You're darn right I won't be put in charge of such - not without a gun to my head. I'd want to de-scale anything down to a size where you could reasonably spec and test it. As the article says, "test, test, test". A formative experience in my programming was FORTH, a language that strongly rewards small incremental experiments, compiling as you go, building from small functions up to large ones. I'm not saying use FORTH, but the philosophy of getting the basics working and building up has really worked for me for a whole career.

By contrast, all the large-scale projects I've worked on have all taken a philosophy like building a skyscraper or 747 - no one person can comprehend it, design everything before the first screwdriver is picked up, so the design process goes on for months and years, etc. And then you have "crunch time" from then on as the fond beliefs of the design team smack into reality, and the specs are proven to not match needs. Incremental building and testing tends to reveal these problems.

The fear that drives these philosophies is that you'll have the thing mostly built...and discover it doesn't meet every need and can't without some huge rebuild, because you didn't think of everything up front. Rather like an old system that's been patched to death and has to be tossed because it just can't keep up with changes. I think the fear exaggerated, particularly if the design-build team is at least roughly aware of the whole project dimensions.

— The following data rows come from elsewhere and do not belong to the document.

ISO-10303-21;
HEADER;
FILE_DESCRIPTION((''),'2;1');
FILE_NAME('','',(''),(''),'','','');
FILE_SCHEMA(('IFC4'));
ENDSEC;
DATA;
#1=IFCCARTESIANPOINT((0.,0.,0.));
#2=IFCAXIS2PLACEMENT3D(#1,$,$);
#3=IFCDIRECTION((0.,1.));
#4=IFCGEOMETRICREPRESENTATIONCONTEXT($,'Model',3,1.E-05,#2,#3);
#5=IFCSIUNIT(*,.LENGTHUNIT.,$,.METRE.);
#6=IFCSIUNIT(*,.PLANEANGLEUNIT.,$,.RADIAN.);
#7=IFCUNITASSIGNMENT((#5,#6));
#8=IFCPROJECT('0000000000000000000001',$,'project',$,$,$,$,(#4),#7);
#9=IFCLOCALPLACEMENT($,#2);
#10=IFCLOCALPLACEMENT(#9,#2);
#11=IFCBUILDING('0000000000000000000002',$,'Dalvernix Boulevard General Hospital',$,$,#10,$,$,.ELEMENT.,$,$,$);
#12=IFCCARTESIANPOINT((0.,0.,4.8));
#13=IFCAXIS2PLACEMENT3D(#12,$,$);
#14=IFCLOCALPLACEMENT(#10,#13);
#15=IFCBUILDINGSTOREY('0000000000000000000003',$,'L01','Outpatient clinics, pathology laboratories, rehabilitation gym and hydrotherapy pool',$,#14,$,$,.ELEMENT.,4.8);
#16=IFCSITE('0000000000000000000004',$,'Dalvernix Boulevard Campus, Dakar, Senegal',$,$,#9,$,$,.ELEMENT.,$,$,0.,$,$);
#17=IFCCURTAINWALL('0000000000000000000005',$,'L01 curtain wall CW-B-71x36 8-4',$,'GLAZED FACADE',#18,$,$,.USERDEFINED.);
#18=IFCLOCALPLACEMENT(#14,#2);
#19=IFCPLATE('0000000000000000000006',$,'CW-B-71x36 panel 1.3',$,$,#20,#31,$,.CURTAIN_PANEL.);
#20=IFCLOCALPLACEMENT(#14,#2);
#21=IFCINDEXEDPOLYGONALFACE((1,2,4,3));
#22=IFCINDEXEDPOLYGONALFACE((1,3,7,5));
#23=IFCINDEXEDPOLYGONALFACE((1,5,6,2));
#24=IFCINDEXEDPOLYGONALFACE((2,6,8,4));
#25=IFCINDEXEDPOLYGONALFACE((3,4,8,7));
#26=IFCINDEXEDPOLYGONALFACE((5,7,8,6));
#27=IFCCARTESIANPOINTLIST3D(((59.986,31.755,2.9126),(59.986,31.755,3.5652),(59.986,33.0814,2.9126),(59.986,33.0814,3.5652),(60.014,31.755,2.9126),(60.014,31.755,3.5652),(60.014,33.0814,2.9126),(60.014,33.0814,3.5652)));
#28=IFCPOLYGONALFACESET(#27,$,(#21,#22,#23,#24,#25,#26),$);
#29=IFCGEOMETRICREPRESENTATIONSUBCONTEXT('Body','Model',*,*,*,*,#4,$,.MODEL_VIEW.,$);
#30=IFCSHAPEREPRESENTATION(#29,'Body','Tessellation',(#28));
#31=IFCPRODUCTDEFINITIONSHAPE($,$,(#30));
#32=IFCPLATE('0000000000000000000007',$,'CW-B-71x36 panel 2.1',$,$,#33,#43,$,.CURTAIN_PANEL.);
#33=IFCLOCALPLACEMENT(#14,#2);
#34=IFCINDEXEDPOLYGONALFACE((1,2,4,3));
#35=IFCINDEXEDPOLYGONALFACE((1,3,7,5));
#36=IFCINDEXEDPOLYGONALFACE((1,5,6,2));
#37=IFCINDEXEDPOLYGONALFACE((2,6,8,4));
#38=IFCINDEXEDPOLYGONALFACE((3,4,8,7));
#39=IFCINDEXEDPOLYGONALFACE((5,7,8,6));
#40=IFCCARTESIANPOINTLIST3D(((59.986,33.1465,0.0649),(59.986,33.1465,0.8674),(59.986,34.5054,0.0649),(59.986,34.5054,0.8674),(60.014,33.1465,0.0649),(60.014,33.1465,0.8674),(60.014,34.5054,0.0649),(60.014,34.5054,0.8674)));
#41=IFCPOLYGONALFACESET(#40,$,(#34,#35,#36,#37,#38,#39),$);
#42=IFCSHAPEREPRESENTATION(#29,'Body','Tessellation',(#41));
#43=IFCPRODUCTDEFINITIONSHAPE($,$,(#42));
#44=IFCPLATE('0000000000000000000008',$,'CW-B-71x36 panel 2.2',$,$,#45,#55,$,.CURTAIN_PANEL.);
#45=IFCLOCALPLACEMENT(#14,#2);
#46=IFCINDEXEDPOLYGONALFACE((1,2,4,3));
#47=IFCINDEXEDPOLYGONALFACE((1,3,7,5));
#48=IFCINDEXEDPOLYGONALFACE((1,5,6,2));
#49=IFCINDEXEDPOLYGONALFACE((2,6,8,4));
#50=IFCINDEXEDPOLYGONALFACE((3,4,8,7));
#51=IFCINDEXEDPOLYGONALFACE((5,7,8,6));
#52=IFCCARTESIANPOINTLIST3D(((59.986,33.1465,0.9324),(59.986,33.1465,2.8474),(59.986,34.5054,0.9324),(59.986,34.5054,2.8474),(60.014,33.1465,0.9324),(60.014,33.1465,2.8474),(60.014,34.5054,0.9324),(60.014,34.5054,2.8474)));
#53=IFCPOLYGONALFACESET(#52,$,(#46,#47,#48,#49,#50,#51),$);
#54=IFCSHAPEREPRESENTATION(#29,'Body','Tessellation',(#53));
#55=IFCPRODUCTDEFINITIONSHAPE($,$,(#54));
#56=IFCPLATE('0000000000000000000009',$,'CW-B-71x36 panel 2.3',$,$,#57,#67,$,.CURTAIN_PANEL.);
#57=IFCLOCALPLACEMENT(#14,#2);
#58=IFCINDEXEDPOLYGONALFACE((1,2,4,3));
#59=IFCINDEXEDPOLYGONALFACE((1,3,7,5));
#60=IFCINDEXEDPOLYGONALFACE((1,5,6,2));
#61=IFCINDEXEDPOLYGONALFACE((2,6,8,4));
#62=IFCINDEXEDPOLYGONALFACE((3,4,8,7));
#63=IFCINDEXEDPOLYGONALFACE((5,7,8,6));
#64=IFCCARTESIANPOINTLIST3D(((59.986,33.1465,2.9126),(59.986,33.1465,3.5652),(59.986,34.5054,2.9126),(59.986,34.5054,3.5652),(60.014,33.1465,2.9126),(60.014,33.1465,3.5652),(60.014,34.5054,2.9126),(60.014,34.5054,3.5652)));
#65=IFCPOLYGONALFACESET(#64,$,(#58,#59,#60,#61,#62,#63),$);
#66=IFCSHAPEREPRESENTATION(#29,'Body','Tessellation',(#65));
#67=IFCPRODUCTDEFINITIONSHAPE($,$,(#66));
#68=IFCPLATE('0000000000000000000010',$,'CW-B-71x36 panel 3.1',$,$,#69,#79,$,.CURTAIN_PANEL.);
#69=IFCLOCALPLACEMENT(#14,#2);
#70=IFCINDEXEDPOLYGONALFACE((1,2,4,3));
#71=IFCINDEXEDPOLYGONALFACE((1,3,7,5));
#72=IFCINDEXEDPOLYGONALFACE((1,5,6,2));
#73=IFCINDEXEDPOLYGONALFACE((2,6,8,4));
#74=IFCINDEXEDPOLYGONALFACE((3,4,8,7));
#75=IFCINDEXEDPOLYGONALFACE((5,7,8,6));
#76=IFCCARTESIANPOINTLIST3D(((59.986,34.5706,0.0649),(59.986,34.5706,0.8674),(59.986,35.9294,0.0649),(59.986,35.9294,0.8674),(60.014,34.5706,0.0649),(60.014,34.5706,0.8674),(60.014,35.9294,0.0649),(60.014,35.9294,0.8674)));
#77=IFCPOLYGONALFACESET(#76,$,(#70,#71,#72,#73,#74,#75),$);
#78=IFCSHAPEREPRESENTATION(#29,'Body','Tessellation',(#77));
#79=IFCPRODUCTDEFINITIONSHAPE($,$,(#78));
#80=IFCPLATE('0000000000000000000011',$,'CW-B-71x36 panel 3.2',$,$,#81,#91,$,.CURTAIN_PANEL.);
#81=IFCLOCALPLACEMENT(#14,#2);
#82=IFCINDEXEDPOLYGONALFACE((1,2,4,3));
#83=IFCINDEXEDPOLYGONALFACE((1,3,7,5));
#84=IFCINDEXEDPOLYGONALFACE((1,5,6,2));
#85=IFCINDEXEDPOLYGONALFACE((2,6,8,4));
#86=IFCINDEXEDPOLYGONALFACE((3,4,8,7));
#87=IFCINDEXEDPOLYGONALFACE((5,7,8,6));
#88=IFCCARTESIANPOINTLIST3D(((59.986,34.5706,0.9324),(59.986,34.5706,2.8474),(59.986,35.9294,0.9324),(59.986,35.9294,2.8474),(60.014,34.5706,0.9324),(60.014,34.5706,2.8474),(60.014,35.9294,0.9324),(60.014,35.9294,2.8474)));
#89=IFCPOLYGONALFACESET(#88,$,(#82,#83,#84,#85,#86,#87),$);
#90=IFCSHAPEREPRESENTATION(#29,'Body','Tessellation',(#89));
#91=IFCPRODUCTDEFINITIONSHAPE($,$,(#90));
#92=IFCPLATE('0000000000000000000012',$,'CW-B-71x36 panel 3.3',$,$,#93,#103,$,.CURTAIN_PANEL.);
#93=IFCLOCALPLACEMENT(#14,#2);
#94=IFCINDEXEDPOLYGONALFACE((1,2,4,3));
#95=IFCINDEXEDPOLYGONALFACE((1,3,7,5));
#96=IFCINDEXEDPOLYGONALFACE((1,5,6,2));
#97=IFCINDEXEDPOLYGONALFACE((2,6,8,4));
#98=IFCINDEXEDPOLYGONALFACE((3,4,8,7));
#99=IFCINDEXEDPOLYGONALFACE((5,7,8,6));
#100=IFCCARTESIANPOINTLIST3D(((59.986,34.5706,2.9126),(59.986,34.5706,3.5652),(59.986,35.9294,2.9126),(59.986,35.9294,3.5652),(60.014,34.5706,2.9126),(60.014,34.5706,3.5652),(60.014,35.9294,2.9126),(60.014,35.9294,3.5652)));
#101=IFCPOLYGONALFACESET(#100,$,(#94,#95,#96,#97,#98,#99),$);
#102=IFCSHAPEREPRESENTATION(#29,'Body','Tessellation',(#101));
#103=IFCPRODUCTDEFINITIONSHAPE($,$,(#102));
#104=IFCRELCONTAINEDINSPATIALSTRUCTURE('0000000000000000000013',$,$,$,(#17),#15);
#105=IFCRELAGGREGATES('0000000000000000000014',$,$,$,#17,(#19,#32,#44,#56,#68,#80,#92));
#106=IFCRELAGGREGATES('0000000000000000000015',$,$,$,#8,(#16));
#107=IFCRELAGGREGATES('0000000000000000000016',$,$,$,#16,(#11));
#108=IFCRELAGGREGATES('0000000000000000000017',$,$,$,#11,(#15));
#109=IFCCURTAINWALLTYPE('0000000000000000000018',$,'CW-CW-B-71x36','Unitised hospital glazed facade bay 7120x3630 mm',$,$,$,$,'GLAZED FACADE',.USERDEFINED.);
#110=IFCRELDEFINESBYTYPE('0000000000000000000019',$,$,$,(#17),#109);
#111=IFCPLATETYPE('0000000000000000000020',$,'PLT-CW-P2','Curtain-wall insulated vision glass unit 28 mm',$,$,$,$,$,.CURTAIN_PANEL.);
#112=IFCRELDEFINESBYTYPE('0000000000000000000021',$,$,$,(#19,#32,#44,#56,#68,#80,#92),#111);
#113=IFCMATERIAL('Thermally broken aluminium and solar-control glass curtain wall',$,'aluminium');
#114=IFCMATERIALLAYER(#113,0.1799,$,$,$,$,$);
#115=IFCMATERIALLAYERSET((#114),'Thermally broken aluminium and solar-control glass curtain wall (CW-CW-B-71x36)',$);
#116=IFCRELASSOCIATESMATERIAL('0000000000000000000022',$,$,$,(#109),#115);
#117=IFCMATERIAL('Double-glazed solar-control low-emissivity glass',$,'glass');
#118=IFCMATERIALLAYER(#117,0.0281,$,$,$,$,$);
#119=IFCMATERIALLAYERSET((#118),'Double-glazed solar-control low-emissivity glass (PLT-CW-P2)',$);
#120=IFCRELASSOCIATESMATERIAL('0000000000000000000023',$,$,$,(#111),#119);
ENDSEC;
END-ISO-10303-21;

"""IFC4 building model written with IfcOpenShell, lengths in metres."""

from ifc_helpers import new_model, si_unit, direction, frame, origin, origin_2d, place, context, subcontext, project, spatial, rectangle, extrude, material, layer, layer_set, type_object, element, aggregate, save


model = new_model("IFC4")

# Units and contexts
model_context = context("Model", 3, precision=1e-05, world=origin(), true_north=direction((0.0, 1.0)))
body_context = subcontext(model_context, "Body", "Model", "MODEL_VIEW")
ifc_project = project(units=[si_unit("LENGTHUNIT", "METRE"), si_unit("PLANEANGLEUNIT", "RADIAN")], contexts=[model_context])

# Site, building, storey
site_placement = place(None, origin())
site = spatial("IfcSite", under=ifc_project, at=site_placement, Name="Dalvernix Boulevard Campus, Dakar, Senegal", CompositionType="ELEMENT", RefElevation=0.0)
building_placement = place(site_placement, origin())
building = spatial("IfcBuilding", under=site, at=building_placement, Name="Dalvernix Boulevard General Hospital", CompositionType="ELEMENT")
storey_placement = place(building_placement, frame((0.0, 0.0, 4.8)))
storey = spatial("IfcBuildingStorey", under=building, at=storey_placement, Name="L01", Description="Outpatient clinics, pathology laboratories, rehabilitation gym and hydrotherapy pool", CompositionType="ELEMENT", Elevation=4.8)

# Curtain wall, plates
ifc_material_1 = material(Name="Thermally broken aluminium and solar-control glass curtain wall", Category="aluminium")
ifc_layer_1 = layer(ifc_material_1, 0.1799)
ifc_layer_set_1 = layer_set([ifc_layer_1], Name="Thermally broken aluminium and solar-control glass curtain wall (CW-CW-B-71x36)")
curtain_wall_type = type_object("IfcCurtainWallType", Name="CW-CW-B-71x36", Description="Unitised hospital glazed facade bay 7120x3630 mm", ElementType="GLAZED FACADE", PredefinedType="USERDEFINED", material=ifc_layer_set_1)
curtain_wall_placement = place(storey_placement, origin())
curtain_wall = element("IfcCurtainWall", 1, at=curtain_wall_placement, inside=storey, type_object=curtain_wall_type, Name="L01 curtain wall CW-B-71x36 8-4", ObjectType="GLAZED FACADE", PredefinedType="USERDEFINED")
ifc_material_2 = material(Name="Double-glazed solar-control low-emissivity glass", Category="glass")
ifc_layer_2 = layer(ifc_material_2, 0.0281)
ifc_layer_set_2 = layer_set([ifc_layer_2], Name="Double-glazed solar-control low-emissivity glass (PLT-CW-P2)")
plate_type = type_object("IfcPlateType", Name="PLT-CW-P2", Description="Curtain-wall insulated vision glass unit 28 mm", PredefinedType="CURTAIN_PANEL", material=ifc_layer_set_2)
plate_1_placement = place(storey_placement, frame((60.0, 32.4182, 2.9126), z_axis=(0.0, 0.0, 1.0), x_axis=(0.0, 1.0, 0.0)))
plate_1 = element("IfcPlate", 2, at=plate_1_placement, type_object=plate_type, Name="CW-B-71x36 panel 1.3", PredefinedType="CURTAIN_PANEL", context=body_context, shape_type="SweptSolid", body=[
    extrude(rectangle(XDim=1.3264, YDim=0.0281, at=origin_2d()), origin(), (0.0, 0.0, 1.0), 0.6526),
])
plate_2_placement = place(storey_placement, frame((60.0, 33.8259, 0.0649), z_axis=(0.0, 0.0, 1.0), x_axis=(0.0, 1.0, 0.0)))
plate_2 = element("IfcPlate", 3, at=plate_2_placement, type_object=plate_type, Name="CW-B-71x36 panel 2.1", PredefinedType="CURTAIN_PANEL", context=body_context, shape_type="SweptSolid", body=[
    extrude(rectangle(XDim=1.3589, YDim=0.0281, at=origin_2d()), origin(), (0.0, 0.0, 1.0), 0.8025),
])
plate_3_placement = place(storey_placement, frame((60.0, 33.8259, 0.9324), z_axis=(0.0, 0.0, 1.0), x_axis=(0.0, 1.0, 0.0)))
plate_3 = element("IfcPlate", 4, at=plate_3_placement, type_object=plate_type, Name="CW-B-71x36 panel 2.2", PredefinedType="CURTAIN_PANEL", context=body_context, shape_type="SweptSolid", body=[
    extrude(rectangle(XDim=1.3589, YDim=0.0281, at=origin_2d()), origin(), (0.0, 0.0, 1.0), 1.915),
])
plate_4_placement = place(storey_placement, frame((60.0, 33.8259, 2.9126), z_axis=(0.0, 0.0, 1.0), x_axis=(0.0, 1.0, 0.0)))
plate_4 = element("IfcPlate", 5, at=plate_4_placement, type_object=plate_type, Name="CW-B-71x36 panel 2.3", PredefinedType="CURTAIN_PANEL", context=body_context, shape_type="SweptSolid", body=[
    extrude(rectangle(XDim=1.3589, YDim=0.0281, at=origin_2d()), origin(), (0.0, 0.0, 1.0), 0.6526),
])
plate_5_placement = place(storey_placement, frame((60.0, 35.25, 0.0649), z_axis=(0.0, 0.0, 1.0), x_axis=(0.0, 1.0, 0.0)))
plate_5 = element("IfcPlate", 6, at=plate_5_placement, type_object=plate_type, Name="CW-B-71x36 panel 3.1", PredefinedType="CURTAIN_PANEL", context=body_context, shape_type="SweptSolid", body=[
    extrude(rectangle(XDim=1.3589, YDim=0.0281, at=origin_2d()), origin(), (0.0, 0.0, 1.0), 0.8025),
])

The advantage of more-incremental projects that are never large because you take one part at a time is you develop in priority order. The 80/20 rule suggests that 80% of the clients will want about 20% of the options available - so get 20% of the offering working, and working well, first.

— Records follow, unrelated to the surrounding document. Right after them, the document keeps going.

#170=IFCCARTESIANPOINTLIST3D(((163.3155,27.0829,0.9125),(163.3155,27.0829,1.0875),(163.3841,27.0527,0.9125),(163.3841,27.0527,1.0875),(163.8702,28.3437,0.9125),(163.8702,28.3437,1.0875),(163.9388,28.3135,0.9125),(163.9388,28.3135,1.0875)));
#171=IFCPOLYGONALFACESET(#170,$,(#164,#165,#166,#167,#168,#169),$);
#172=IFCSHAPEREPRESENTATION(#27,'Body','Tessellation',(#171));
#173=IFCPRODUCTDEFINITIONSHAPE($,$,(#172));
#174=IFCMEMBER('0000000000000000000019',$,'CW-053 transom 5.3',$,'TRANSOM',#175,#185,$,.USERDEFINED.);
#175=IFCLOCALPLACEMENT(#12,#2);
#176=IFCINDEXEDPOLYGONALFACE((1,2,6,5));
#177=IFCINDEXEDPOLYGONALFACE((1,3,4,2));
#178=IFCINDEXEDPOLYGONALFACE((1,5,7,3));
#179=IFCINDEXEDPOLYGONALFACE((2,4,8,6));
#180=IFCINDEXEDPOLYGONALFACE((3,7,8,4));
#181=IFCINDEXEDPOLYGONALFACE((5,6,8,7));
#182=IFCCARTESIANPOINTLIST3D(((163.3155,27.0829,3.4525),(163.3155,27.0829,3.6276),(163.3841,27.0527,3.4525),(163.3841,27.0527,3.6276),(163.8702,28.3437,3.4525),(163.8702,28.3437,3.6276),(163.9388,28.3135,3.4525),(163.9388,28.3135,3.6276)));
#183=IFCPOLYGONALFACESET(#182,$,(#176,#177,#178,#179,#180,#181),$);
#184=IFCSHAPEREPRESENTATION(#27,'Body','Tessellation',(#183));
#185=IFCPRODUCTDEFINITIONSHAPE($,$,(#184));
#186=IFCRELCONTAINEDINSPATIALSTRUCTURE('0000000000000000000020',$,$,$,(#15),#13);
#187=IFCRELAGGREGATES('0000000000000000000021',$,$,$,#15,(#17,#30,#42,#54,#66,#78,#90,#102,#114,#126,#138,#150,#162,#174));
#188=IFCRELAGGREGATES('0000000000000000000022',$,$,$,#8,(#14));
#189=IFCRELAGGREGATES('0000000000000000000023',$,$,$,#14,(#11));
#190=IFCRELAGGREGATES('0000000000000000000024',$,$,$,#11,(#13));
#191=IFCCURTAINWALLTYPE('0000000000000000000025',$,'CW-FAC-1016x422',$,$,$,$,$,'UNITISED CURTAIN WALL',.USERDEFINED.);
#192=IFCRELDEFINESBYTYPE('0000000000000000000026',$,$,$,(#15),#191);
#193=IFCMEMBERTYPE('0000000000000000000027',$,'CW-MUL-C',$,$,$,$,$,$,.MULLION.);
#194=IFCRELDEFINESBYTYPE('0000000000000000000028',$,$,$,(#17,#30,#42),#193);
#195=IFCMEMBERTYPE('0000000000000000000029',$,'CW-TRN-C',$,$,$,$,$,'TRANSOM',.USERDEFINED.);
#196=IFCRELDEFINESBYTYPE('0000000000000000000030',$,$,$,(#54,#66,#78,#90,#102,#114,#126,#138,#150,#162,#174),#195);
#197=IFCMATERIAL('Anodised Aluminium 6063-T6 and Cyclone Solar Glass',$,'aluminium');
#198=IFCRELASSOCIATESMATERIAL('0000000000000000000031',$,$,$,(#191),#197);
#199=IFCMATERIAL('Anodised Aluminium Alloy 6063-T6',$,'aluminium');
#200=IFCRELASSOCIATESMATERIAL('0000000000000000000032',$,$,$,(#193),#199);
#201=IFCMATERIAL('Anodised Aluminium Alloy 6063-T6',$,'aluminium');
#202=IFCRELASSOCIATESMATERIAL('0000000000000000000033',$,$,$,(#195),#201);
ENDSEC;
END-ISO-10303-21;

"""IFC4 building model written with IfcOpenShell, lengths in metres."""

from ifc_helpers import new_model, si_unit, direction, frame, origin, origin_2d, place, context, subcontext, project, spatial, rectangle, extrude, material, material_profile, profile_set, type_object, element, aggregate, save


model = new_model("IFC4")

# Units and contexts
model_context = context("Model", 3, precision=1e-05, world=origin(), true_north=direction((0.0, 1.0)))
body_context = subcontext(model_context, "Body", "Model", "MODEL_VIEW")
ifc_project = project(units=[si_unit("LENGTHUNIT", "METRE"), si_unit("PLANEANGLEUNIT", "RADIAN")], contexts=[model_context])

Canada has this story of medical records: http://news.slashdot.org/story/09/10/10/0124227/open-source-could-have-saved-ontario-hundreds-of-millions
As /. covered it, "open source" would have saved 95% of project costs, but I think it was also about the open-source development was in small increments, no large projects.

Comment This applies to Robots? Not people? (Score 1) 194

"Soldiers" includes officers and non-coms - right down to teenage corporals - who send their human friends and colleagues out of cover to maybe get killed. The ability to do so is a primary burden of soldiering, harder, most say, than going over the top yourself.

It's terrific if they have such humanity that they hate doing it to dogs and even robots - but they either have to be able to do it, or belong at home.